Webhook delivery gateway

Push events to someone else's server you don't control — and keep retrying calmly until it answers or you give up.

The idea

Something happens in your system — a payment clears, a file finishes processing. You promised a customer their server would hear about it, so the gateway delivers the event with an HTTP POST to their endpoint.

But their server might be mid-deploy, overloaded, or simply slow. So deliveries don't go out directly: they ride a queue, and a worker retries failures with exponential backoff — waiting longer after each miss. After a handful of failed attempts the event is parked in a dead-letter queue for later inspection and manual replay, instead of retrying forever.

Press play to follow one event through retries, backoff, and an eventual 200 OK — then keep going to see permanent failures parked in the dead-letter queue.

How it works

The delivery worker pulls an event and loops over attempts. Each attempt signs the body, POSTs it, and classifies the response. 2xx means delivered — ack and stop. A 4xx other than 408 or 429 is a permanent client error — don't retry, park it.

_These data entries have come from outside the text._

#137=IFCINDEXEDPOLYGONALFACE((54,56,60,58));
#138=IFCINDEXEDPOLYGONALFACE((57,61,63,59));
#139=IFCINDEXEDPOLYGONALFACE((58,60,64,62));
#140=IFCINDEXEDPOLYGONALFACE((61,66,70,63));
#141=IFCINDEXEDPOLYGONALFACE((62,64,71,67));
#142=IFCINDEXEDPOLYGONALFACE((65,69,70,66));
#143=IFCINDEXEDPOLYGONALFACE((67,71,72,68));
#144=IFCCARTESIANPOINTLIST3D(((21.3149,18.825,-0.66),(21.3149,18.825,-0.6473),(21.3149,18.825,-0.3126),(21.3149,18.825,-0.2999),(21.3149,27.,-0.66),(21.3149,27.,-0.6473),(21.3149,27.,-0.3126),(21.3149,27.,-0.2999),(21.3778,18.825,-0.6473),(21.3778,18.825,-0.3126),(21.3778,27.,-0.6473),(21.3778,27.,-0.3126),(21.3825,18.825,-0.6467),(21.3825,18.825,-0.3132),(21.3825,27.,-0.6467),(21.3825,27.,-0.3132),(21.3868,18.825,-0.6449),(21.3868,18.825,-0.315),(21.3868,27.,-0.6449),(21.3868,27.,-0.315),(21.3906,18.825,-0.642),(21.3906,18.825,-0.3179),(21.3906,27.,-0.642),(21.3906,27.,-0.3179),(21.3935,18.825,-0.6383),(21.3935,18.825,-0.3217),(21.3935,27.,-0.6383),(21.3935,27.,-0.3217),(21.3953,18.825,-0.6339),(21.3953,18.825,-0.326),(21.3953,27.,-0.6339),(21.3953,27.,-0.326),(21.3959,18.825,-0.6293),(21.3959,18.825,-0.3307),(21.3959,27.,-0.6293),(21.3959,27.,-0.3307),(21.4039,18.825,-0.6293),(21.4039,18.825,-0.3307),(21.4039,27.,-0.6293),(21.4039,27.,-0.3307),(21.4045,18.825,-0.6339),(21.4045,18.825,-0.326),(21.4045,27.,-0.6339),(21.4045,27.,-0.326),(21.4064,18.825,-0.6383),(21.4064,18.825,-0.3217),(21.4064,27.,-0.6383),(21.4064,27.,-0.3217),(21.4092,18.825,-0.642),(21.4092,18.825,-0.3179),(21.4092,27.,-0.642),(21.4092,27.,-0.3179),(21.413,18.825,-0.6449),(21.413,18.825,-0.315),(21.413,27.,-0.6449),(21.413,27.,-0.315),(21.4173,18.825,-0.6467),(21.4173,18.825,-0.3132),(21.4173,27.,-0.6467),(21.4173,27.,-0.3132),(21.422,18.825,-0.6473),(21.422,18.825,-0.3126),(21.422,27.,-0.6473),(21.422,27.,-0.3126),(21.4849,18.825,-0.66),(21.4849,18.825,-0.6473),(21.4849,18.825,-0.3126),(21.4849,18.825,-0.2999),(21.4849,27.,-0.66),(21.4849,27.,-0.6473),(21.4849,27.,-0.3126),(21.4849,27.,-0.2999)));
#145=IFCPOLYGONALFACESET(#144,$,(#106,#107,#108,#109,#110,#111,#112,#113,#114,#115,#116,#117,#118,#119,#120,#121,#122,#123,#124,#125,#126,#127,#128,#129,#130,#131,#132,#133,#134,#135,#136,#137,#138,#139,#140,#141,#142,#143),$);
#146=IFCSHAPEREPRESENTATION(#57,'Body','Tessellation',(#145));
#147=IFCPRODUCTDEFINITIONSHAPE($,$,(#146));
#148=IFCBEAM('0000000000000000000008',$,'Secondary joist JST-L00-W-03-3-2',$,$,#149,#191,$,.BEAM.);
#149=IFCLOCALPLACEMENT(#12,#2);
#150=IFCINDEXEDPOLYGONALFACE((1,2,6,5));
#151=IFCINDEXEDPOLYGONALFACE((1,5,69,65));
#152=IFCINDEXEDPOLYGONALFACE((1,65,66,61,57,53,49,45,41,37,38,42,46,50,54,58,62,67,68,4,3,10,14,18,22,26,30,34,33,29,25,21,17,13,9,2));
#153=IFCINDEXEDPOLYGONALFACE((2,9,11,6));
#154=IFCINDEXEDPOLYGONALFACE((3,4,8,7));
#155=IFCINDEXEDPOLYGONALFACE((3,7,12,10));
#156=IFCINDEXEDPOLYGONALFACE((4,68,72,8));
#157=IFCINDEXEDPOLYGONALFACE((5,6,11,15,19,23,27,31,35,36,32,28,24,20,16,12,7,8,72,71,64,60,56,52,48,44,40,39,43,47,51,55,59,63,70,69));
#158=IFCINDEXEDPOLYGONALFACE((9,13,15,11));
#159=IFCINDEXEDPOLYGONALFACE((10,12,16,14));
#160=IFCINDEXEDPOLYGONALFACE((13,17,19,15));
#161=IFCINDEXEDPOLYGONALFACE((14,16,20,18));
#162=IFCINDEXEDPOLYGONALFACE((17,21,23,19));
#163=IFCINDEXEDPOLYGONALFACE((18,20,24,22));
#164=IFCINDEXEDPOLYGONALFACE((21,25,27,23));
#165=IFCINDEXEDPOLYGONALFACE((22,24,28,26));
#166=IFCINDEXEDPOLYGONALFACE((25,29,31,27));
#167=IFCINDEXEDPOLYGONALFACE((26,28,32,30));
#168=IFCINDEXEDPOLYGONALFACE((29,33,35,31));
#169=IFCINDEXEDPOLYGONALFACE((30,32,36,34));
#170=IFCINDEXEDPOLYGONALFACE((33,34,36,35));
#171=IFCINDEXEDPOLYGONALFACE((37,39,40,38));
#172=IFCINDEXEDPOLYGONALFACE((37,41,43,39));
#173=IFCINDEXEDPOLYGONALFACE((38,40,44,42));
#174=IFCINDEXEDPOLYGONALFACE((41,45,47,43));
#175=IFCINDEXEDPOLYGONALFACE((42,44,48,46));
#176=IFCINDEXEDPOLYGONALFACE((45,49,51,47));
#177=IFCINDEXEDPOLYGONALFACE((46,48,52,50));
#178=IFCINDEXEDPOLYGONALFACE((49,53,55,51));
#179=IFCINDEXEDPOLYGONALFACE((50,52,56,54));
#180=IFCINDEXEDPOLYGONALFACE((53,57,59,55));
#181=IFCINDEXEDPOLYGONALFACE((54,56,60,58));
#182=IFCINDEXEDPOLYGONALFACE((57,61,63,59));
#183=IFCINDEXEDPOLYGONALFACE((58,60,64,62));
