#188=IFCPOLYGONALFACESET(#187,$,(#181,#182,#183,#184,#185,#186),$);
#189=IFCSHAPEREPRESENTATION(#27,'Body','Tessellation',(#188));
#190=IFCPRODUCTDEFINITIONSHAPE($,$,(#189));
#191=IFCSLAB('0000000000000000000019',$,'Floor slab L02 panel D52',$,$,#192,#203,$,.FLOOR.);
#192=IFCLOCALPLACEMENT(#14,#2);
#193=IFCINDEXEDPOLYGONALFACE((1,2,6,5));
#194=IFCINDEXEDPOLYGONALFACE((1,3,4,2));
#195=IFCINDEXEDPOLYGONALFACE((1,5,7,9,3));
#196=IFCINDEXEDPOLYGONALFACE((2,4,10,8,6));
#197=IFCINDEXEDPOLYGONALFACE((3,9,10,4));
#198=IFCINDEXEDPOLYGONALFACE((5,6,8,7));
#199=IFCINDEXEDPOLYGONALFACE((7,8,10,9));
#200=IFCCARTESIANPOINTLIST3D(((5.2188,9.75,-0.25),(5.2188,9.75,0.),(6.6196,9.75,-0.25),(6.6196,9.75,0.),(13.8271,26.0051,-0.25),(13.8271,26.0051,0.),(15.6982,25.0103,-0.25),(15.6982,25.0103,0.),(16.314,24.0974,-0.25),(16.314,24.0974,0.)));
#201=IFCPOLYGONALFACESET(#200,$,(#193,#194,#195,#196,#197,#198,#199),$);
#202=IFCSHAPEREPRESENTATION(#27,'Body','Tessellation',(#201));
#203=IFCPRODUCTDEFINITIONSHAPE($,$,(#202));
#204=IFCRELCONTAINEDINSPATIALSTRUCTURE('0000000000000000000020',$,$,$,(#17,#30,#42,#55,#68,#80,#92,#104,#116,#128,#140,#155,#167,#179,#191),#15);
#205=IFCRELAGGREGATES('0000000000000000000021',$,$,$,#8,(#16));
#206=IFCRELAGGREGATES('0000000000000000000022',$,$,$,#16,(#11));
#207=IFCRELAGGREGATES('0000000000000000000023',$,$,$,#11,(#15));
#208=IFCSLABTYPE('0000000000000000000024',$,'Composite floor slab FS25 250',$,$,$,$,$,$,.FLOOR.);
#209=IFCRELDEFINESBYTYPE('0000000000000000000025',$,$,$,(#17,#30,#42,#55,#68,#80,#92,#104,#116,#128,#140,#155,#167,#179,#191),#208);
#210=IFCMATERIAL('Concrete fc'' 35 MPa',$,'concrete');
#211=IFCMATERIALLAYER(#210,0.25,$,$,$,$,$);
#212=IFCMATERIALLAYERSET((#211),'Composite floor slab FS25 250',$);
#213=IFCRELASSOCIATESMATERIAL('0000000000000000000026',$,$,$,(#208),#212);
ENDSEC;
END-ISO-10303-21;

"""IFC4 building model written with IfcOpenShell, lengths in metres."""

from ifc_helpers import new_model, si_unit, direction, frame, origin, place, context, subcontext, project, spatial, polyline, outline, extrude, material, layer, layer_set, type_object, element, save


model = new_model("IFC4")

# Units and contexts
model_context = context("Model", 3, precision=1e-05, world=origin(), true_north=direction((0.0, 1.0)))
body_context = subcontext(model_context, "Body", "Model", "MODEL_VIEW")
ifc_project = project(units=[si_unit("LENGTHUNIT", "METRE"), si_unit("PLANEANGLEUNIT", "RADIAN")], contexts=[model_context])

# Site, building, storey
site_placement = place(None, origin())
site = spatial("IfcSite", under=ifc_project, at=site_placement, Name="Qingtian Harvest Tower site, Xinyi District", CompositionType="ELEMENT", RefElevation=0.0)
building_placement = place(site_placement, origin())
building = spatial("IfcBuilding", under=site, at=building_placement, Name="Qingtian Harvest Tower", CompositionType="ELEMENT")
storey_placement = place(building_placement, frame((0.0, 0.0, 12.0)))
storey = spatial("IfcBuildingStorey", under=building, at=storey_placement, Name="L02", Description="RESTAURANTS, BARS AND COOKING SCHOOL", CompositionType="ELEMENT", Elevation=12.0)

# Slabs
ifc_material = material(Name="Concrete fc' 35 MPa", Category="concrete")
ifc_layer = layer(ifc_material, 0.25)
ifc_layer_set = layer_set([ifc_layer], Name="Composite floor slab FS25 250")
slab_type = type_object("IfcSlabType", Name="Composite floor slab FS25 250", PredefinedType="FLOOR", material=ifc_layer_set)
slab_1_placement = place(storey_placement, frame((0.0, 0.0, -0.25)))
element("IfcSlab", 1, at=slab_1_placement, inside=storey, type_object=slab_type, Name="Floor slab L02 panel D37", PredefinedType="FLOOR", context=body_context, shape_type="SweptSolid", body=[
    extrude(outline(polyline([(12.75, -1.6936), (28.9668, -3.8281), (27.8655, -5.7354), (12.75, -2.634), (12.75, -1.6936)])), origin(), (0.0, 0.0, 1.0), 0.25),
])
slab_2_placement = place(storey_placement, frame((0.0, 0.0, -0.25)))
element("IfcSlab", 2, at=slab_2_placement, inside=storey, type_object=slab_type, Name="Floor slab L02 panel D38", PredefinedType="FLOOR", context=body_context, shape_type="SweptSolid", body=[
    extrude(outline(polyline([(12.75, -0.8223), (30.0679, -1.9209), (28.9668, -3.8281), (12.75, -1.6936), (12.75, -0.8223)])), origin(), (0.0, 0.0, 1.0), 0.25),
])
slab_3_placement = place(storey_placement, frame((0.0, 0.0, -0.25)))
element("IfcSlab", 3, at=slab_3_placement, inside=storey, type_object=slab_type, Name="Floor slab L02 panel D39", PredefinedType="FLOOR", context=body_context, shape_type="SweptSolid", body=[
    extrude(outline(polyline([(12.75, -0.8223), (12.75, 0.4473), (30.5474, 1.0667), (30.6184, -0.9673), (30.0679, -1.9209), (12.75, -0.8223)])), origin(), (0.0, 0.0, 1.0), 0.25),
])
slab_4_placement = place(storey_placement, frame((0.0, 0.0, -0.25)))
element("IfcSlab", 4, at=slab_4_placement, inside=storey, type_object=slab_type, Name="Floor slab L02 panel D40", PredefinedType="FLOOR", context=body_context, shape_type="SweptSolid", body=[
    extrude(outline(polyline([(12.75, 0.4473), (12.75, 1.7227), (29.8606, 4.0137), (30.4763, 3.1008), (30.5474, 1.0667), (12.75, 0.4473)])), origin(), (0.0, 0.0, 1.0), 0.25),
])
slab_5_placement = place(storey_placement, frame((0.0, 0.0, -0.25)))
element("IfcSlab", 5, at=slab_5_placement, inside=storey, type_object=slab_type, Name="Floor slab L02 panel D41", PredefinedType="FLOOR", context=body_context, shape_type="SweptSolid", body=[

Everything else (408, 429, 5xx, connection failures, timeouts) is retryable.

Before each retry the worker waits base × 2^attempt with full jitter — a random fraction of that delay — so a fleet of stuck deliveries doesn't all retry in lockstep when the endpoint recovers. After max_attempts, the event goes to the dead-letter queue.

import time, random, hmac, hashlib

def deliver(event, endpoint, secret, base=1.0, max_attempts=5):
    body = serialize(event)
    # HMAC-sign the body so the receiver can verify authenticity
    sig = hmac.new(secret, body, hashlib.sha256).hexdigest()
    headers = {"X-Signature": "sha256=" + sig,
               "X-Event-Id": event.id}          # receiver dedups on this

    for attempt in range(max_attempts):          # attempt = 0, 1, 2, ...
        status = http_post(endpoint, body, headers, timeout=10)

        if 200 <= status < 300:
            return "delivered"                   # 2xx -> ack, done
        if 400 <= status < 500 and status not in (408, 429):
            return park_in_dlq(event, status)    # permanent 4xx, no retry

        # retryable: 408, 429, 5xx, timeout, connection error
        if attempt == max_attempts - 1:
            break
        delay = base * (2 ** attempt)            # 1, 2, 4, 8, ...
        time.sleep(random.random() * delay)      # full jitter

    return park_in_dlq(event, status)            # exhausted -> dead-letter

Because the worker may POST more than once (a slow endpoint can process a request and still time out before its 2xx reaches us), delivery is at-least-once. The receiver dedups on X-Event-Id to stay idempotent.

Cost

Property	Effect
Attempts per event	Up to `N` (e.g. 5) before the dead-letter queue
Total wait before parking	≈ `base × (2^N − 1)` — base 1s, N=5 → up to ~31s spread across the retries
Storage	The dead-letter queue holds every exhausted or permanently-failed event for replay
Trade-off	Durability and eventual delivery, paid for in delivery latency and duplicate-delivery risk

Watch out for

At-least-once means duplicates. A timed-out attempt may have been processed; the retry then delivers it again. Receivers must be idempotent — dedup on the event id and ignore one they've already applied.
Retrying non-retryable 4xx. A 400 or 422 won't fix itself; retrying wastes work and can hammer a misconfigured endpoint. Park permanent failures immediately. (But 408 and 429 are retryable.)
No jitter. If every stuck delivery retries at exactly base × 2^n, they all fire together the instant the endpoint recovers — a thundering herd that knocks it back down. Add full jitter.
Unbounded retries / no dead-letter queue. Retrying forever lets the queue grow without limit and starves healthy deliveries. Cap attempts and park the rest for manual replay.
Unsigned payloads. Without an HMAC signature the receiver can't tell your event from a spoofed one. Sign the body so they can verify before acting — and give each POST a per-request timeout so one slow consumer doesn't block the queue.

Worked example

A payment system emits charge.succeeded for order evt_8f31 and the gateway POSTs it to the merchant. The merchant's server is mid-deploy and returns 503 for about six seconds. Attempt 1 fails; the worker waits ~1s (base 1s, jittered) and retries → 503 again. It waits ~2s → this time a 429 while the new instance warms up. It waits ~4s → the merchant is back and returns 200 OK on the fourth attempt. Delivered and acked.

One earlier attempt actually reached the merchant and recorded the charge before its response timed out — so this looks like a double delivery. But the merchant keyed on X-Event-Id: evt_8f31, saw it had already applied that id, and treated the repeat as a no-op. The customer is charged once.

Check yourself

The endpoint returns 400 Bad Request. Should the gateway keep retrying?